4.- Per parte sua, l’Amministrazione premette, in fatto, di non disporre, allo stato, di un sistema in grado di garantire l’accesso da remoto (ciò che sarebbe confermato da apposita dichiarazione resa dalla società incaricata della gestione dei propri software) e ritiene, in ogni caso, adeguata, sufficiente e proporzionata, in diritto, la messa a disposizione in loco di postazioni dedicate.
5.- Ciò posto, in via preliminare va disattesa l’eccezione di inammissibilità, proposta ed argomentata dal Comune appellato, correlata alla mancata impugnazione della delibera di Giunta Comunale n. 99 del 4 giugno 2015, con cui era stato disciplinato e regolamentato il diritto di accesso agli atti.
Sul punto, giova puntualizzare che, per comune intendimento, il giudizio in materia di accesso, anche se si atteggia come impugnatorio nella fase della proposizione del ricorso, in quanto rivolto contro l’atto di diniego o avverso il silenzio-diniego formatosi sulla relativa istanza ed il ricorso è da esperire nel termine perentorio di trenta giorni, è sostanzialmente rivolto all’accertamento la sussistenza o meno del titolo all’accesso nella specifica situazione alla luce dei parametri normativi, indipendentemente dalla maggiore o minore correttezza delle ragioni addotte dall’amministrazione per giustificarne il diniego (cfr., ex permultis, Cons. Stato, V, 7 novembre 2008, n. 5573).
Se ne desume che la mancata impugnazione delle disposizioni regolamentari (per giunta, suscettibili, in quanto tali di disapplicazione: cfr. Cons. Stato, IV, 23 febbraio 2009, n. 1074), non costituisce per definizione ragione di inammissibilità del ricorso.
6.- Tanto premesso, osserva il Collegio che, ai sensi dell’art. 43, comma 2 del d.lgs. n. 267 (recante il Testo unico degli enti locali), “i consiglieri comunali e provinciali hanno diritto di ottenere dagli uffici, rispettivamente, del comune e della provincia, nonché dalle loro aziende ed enti dipendenti, tutte le notizie e le informazioni in loro possesso, utili all’espletamento del proprio mandato”.

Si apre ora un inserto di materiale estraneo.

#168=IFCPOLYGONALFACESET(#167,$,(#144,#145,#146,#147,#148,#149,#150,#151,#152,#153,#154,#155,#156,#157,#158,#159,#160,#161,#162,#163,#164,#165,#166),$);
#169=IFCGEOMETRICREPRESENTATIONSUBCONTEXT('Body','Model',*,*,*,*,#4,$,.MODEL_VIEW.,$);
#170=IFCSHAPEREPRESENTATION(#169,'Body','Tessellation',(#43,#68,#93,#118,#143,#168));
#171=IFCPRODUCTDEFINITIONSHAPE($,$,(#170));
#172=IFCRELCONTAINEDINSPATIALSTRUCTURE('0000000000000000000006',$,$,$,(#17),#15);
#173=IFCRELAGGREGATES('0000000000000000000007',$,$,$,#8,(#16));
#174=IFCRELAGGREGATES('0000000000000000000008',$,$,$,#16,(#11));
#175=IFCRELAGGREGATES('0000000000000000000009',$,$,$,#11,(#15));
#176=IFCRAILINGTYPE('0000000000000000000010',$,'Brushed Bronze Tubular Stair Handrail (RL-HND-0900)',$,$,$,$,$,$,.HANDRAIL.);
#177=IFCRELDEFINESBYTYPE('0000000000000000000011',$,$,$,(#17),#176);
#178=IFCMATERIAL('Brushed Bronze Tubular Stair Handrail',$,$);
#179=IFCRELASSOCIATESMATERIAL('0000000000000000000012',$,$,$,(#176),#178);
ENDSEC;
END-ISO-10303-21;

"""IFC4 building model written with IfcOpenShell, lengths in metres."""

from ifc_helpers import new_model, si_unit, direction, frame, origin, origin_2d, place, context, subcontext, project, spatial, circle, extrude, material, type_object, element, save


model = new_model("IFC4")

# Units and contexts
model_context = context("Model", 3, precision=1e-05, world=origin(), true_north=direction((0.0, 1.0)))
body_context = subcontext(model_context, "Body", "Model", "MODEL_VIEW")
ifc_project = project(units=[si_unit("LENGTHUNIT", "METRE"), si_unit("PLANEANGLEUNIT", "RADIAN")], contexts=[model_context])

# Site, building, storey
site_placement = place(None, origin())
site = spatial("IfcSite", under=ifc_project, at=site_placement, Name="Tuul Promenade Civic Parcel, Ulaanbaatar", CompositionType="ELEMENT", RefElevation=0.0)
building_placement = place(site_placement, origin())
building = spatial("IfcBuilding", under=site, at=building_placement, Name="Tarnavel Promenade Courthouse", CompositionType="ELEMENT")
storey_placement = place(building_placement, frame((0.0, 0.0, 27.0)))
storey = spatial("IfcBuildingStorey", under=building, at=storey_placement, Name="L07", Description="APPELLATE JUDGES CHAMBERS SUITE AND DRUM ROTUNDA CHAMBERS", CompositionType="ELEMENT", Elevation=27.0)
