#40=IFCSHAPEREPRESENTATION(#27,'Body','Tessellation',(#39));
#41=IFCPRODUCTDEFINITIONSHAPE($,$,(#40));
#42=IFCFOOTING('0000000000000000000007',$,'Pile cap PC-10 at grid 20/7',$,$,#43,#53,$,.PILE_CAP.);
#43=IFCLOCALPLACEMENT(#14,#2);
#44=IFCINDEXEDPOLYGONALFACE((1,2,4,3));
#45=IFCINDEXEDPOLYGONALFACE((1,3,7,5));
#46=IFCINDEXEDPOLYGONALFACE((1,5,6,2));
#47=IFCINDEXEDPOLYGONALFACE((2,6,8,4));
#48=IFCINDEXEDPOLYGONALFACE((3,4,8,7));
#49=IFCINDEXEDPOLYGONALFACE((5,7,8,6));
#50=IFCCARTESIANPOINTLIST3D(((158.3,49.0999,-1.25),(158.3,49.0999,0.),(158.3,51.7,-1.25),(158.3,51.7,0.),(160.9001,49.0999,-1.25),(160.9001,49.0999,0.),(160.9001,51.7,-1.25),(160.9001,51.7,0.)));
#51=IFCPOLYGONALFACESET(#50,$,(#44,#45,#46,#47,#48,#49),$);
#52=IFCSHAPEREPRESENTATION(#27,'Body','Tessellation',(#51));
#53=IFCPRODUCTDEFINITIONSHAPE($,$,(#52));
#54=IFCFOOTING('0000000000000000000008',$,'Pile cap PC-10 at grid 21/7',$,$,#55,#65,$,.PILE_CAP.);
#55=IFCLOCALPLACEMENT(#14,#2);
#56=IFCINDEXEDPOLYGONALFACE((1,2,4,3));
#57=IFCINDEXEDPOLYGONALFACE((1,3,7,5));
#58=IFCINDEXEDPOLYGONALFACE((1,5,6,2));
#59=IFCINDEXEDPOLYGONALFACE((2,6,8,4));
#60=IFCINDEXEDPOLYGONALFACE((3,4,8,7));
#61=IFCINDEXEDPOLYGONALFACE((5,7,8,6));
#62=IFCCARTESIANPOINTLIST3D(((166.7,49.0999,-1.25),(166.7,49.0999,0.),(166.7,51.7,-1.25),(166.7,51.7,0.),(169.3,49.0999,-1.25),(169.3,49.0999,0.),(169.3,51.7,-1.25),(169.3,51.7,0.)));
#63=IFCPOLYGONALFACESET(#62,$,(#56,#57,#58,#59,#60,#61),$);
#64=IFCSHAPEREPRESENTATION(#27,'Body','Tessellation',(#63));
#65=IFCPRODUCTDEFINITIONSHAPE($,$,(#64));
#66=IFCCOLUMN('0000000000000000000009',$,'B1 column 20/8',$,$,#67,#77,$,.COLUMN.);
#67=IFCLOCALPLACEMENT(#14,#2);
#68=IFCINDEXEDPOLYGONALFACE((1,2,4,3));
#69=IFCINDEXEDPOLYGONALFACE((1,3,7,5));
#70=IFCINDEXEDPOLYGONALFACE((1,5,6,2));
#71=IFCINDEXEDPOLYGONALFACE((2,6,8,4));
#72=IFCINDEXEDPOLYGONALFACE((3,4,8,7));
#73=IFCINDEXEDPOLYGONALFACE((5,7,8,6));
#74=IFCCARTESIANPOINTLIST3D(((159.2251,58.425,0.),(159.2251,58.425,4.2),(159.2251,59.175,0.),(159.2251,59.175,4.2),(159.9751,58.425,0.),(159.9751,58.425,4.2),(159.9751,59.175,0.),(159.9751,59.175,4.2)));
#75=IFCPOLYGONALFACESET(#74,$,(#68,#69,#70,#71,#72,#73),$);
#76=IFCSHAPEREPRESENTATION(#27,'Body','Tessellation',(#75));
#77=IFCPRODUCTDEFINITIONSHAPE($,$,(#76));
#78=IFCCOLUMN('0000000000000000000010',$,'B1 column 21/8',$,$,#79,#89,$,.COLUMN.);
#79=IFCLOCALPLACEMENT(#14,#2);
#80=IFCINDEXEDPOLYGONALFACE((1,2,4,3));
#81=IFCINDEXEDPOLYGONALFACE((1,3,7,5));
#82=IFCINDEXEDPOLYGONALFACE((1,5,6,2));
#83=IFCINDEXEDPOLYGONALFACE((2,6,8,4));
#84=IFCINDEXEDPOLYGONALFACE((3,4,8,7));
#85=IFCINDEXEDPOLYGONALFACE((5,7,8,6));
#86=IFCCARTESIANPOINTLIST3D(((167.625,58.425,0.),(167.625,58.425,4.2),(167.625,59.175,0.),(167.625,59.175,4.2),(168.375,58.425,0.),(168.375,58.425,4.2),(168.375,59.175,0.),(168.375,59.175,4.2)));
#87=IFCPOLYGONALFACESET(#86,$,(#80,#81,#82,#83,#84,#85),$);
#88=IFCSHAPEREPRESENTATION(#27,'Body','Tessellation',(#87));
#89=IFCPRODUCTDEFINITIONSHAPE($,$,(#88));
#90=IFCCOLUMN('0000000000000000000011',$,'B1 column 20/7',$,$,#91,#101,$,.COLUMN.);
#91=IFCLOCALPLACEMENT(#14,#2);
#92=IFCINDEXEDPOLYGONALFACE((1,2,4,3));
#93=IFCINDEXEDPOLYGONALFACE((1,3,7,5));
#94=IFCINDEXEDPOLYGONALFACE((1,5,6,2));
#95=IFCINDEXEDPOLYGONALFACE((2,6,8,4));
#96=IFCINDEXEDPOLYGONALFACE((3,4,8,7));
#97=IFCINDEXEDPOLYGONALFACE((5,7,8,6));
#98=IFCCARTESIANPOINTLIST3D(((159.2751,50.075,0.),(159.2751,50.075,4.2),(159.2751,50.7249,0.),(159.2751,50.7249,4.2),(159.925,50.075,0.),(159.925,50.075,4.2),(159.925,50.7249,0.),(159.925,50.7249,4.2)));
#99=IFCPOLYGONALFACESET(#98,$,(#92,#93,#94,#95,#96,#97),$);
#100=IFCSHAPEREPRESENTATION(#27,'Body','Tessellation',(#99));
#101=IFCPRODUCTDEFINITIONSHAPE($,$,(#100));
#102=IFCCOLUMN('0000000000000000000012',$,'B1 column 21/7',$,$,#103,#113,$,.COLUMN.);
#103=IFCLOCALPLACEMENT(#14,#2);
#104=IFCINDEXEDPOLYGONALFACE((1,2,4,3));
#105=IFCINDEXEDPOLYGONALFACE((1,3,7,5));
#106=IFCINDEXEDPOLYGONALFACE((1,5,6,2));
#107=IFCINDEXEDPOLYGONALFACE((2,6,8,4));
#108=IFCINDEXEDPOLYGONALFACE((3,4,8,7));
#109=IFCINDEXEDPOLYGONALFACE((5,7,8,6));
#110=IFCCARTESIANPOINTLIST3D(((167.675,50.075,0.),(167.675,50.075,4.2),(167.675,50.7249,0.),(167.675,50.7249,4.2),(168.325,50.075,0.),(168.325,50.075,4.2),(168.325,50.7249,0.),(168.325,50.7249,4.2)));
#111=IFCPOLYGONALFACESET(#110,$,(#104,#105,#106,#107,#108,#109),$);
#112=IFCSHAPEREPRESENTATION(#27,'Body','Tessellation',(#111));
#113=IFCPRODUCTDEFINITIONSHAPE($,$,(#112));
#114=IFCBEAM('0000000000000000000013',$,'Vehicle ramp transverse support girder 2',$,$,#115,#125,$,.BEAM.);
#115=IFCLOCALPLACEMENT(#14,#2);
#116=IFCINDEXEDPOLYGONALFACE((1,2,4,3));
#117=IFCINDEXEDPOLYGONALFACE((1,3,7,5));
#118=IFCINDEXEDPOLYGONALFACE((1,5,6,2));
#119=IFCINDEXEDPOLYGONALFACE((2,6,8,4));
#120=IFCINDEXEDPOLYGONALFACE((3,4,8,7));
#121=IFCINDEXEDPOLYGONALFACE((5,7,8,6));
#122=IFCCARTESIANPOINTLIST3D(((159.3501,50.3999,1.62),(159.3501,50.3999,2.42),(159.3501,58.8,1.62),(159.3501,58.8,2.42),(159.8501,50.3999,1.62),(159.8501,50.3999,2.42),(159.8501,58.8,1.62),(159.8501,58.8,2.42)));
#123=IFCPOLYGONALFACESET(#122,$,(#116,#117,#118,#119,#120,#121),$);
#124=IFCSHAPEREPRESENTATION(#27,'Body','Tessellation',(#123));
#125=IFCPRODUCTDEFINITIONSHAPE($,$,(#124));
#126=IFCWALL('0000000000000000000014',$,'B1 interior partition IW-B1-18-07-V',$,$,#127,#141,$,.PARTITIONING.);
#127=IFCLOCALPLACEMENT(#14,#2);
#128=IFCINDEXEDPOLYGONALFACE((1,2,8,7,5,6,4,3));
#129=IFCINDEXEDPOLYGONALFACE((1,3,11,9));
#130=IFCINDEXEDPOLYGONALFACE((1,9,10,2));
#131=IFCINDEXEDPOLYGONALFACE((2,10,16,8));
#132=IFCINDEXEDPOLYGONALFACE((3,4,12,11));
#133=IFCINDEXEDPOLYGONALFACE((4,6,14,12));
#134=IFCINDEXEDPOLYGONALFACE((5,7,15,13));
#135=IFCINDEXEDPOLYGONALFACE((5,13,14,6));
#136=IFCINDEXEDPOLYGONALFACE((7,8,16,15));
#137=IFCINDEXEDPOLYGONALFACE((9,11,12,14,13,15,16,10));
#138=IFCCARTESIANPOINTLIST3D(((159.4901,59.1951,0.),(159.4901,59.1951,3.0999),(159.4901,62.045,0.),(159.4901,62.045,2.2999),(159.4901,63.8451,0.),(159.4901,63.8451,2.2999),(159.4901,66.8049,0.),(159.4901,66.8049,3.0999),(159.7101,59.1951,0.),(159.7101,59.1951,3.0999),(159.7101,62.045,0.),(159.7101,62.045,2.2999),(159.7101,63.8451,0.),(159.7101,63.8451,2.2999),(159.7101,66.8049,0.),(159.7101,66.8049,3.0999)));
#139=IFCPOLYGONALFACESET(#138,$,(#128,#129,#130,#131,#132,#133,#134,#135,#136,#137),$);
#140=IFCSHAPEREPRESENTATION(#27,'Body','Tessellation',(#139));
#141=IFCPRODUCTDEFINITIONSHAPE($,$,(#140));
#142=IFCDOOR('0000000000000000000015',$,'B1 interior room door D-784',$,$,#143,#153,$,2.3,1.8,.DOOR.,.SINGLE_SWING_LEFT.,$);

A tal fine, le amministrazioni “assicurano la disponibilità, la gestione, l’accesso, la trasmissione, la conservazione e la fruibilità dell’informazione in modalità digitale e si organizzano ed agiscono a tale fine utilizzando con le modalità più appropriate e nel modo più adeguato al soddisfacimento degli interessi degli utenti le tecnologie dell’informazione e della comunicazione” (cfr. art. 2, comma 1 d.lgs. n. 82/2005, recante il c.d. Codice dell’amministrazione digitale).
La direttiva emergente dalle richiamate disposizioni è senz’altro nel senso: a) che la fruibilità dei dati e delle informazioni in modalità digitale debba essere garantita con modalità adeguate (alla precipua finalità informativa) ed appropriate (alla tecnologia disponibile); b) che – secondo un corrispondente e sotteso canone di proporzionalità – grava sull’amministrazione l’approntamento e la valorizzazione di idonee risorse tecnologiche, che – senza gravare eccessivamente sulle risorse pubbliche – appaiano in grado di ottimizzare, in una logica di bilanciamento, le esigenze della trasparenza amministrativa.

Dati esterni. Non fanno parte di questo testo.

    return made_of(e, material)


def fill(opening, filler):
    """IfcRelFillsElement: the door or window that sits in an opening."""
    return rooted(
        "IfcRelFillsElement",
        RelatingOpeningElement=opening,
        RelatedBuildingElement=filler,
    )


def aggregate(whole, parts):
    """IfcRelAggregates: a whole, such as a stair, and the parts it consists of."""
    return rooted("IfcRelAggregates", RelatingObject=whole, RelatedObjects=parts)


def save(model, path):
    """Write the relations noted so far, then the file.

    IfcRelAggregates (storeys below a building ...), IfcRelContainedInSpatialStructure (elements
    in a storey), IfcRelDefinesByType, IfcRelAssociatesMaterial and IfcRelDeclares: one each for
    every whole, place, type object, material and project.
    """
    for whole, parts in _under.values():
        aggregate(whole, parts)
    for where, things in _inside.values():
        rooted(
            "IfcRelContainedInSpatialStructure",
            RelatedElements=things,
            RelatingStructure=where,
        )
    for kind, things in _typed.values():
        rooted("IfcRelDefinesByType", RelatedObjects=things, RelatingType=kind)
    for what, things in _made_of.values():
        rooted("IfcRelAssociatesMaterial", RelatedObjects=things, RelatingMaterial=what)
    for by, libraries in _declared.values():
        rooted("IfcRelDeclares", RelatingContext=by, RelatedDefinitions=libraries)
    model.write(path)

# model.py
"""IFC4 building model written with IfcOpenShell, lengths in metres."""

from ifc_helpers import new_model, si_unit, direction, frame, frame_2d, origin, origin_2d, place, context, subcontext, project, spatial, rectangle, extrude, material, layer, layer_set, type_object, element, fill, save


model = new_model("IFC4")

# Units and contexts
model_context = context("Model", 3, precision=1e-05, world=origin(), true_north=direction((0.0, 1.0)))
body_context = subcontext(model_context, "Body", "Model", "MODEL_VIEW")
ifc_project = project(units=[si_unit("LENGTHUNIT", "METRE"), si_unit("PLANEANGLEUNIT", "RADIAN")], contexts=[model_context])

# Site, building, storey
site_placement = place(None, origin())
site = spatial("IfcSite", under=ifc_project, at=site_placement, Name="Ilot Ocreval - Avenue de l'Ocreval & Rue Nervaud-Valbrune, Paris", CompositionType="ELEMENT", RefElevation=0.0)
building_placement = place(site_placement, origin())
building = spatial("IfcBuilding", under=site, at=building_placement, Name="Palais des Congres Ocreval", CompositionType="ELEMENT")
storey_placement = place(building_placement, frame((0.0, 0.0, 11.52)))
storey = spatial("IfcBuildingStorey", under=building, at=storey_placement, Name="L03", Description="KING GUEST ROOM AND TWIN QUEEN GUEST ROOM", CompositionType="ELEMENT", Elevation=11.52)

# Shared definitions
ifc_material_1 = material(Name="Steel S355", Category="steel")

In siffatta prospettiva, l’Amministrazione non ha dimostrato, neanche nella presente sede, che il costo della predisposizione di un software adeguato a consentire (mediante il rilascio di credenziali certificate e personalizzate) l’accesso da postazioni remote sia concretamente sproporzionato (a fronte dei costi comunque necessari all’approntamento ed alla conservazione di una postazione fisica dedicata, all’interno dei locali dell’ente) ed economicamente esorbitante rispetto alla rivendicata finalità informativa.

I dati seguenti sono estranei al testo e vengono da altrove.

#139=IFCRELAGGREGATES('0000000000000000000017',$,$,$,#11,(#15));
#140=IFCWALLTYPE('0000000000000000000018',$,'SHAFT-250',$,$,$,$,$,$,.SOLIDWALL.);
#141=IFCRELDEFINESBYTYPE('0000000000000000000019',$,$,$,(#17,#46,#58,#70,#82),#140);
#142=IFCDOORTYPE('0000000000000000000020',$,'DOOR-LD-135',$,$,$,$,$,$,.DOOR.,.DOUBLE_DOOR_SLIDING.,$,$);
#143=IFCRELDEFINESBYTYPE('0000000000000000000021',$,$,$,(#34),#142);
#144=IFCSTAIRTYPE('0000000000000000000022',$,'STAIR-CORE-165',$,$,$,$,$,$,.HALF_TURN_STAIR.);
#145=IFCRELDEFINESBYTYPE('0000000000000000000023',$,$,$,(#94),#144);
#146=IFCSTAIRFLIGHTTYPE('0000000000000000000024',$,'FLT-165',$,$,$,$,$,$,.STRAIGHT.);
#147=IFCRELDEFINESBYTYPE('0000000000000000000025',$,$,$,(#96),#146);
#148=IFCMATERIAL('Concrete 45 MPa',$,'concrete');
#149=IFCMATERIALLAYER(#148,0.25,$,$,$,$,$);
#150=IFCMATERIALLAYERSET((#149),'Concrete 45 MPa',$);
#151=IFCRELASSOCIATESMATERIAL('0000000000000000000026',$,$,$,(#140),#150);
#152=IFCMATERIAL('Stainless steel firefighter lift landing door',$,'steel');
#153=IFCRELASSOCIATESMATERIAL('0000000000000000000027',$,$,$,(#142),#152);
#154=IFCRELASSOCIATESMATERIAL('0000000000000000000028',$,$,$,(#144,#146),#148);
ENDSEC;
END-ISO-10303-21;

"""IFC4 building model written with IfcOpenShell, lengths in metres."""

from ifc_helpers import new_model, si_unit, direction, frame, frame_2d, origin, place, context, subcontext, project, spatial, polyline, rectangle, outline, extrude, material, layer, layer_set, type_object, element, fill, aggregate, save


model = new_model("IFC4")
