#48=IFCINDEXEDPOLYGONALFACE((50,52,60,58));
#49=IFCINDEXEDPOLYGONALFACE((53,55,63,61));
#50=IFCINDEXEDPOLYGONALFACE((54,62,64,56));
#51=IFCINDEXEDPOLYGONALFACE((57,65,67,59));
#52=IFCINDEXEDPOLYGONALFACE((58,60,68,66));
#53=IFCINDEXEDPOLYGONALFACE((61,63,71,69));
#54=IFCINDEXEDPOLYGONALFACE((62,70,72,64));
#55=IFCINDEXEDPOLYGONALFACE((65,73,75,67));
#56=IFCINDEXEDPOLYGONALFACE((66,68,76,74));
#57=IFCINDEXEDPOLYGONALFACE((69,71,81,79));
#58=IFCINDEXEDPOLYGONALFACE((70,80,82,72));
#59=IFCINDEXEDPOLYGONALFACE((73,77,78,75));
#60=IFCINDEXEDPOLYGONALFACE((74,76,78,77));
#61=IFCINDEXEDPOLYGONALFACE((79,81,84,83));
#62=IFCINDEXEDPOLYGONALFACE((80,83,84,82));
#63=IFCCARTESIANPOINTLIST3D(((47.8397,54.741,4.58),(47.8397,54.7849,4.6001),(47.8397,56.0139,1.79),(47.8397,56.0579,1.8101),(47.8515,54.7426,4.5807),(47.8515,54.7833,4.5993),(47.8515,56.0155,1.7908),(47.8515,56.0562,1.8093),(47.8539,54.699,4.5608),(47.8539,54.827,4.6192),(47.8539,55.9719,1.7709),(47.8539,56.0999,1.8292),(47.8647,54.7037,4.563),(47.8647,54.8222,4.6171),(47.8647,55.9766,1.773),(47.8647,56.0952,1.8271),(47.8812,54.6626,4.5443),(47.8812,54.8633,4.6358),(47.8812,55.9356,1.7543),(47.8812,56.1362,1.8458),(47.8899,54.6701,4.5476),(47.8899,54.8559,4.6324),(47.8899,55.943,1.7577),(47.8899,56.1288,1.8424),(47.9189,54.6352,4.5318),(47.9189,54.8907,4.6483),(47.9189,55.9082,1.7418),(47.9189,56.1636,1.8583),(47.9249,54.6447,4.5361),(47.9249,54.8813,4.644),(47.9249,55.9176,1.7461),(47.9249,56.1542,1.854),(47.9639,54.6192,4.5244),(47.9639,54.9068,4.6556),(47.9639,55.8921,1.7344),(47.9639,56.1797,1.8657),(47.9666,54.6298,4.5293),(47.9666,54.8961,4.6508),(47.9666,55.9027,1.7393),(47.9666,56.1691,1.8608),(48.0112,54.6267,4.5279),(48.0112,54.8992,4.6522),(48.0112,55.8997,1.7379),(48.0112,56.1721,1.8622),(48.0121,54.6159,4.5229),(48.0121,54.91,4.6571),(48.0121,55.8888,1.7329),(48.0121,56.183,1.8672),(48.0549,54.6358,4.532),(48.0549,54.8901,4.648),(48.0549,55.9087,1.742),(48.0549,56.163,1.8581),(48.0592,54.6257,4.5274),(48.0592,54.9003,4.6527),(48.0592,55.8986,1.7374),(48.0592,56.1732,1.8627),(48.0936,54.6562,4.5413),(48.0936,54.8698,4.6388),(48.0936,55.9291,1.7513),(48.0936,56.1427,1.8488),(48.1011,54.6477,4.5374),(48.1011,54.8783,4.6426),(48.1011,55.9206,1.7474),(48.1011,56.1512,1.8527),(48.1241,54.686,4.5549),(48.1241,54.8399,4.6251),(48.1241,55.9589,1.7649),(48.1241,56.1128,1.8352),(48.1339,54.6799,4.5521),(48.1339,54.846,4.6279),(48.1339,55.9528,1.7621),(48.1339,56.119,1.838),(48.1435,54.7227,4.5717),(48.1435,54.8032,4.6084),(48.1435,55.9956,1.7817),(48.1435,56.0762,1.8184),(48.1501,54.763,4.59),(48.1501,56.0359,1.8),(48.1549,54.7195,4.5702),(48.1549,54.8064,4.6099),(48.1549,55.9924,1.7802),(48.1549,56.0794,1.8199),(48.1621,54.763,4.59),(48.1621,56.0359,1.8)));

All’incontro, dovrà considerarsi che – nel complessivo quadro delle risorse finanziarie destinate ai mezzi informatici – il costo imputabile alla acquisizione ed alla implementazione di idoneo software si palesa, notoriamente, non irragionevolmente superiore ai costi delle dotazioni informatiche.
Deve, per tal via, opinarsi, in difformità della valutazione sul punto espressa dai primi giudici, che la emergente e duplice direttiva del doveroso approntamento e del costante adeguamento delle tecnologie disponibili, ai fini di un migliore, efficace e funzionale accesso ai dati, milita per il riconoscimento del carattere indebitamente compressivo della limitazione di fatto frapposta alla pretesa ostensiva della ricorrente.
In riforma della impugnata statuizione, il ricorso merita, in definitiva, di essere accolto, con consequenziale ordine alla intimata Amministrazione di apprestare, entro il termine ragionevole di sessanta giorni decorrenti dalla comunicazione della presente statuizione, le modalità organizzative per il rilascio di password per l’accesso da remoto al sistema informatico.
La particolarità e la novità della fattispecie giustificano l’integrale compensazione delle spese di lite.

P.Q.M.

Il Consiglio di Stato in sede giurisdizionale
(Sezione Quinta), definitivamente pronunciando sull’appello, come in epigrafe proposto, lo accoglie e, per l’effetto, in riforma della sentenza impugnata, ordina al Comune intimato di procedere all’approntamento, nel termine di sessanta giorni decorrenti dalla comunicazione della presente sentenza, delle le modalità organizzative per il rilascio, a favore della ricorrente, di apposita password per l’accesso da remoto al sistema informatico.
Spese compensate.
Ordina che la presente sentenza sia eseguita dall’autorità amministrativa.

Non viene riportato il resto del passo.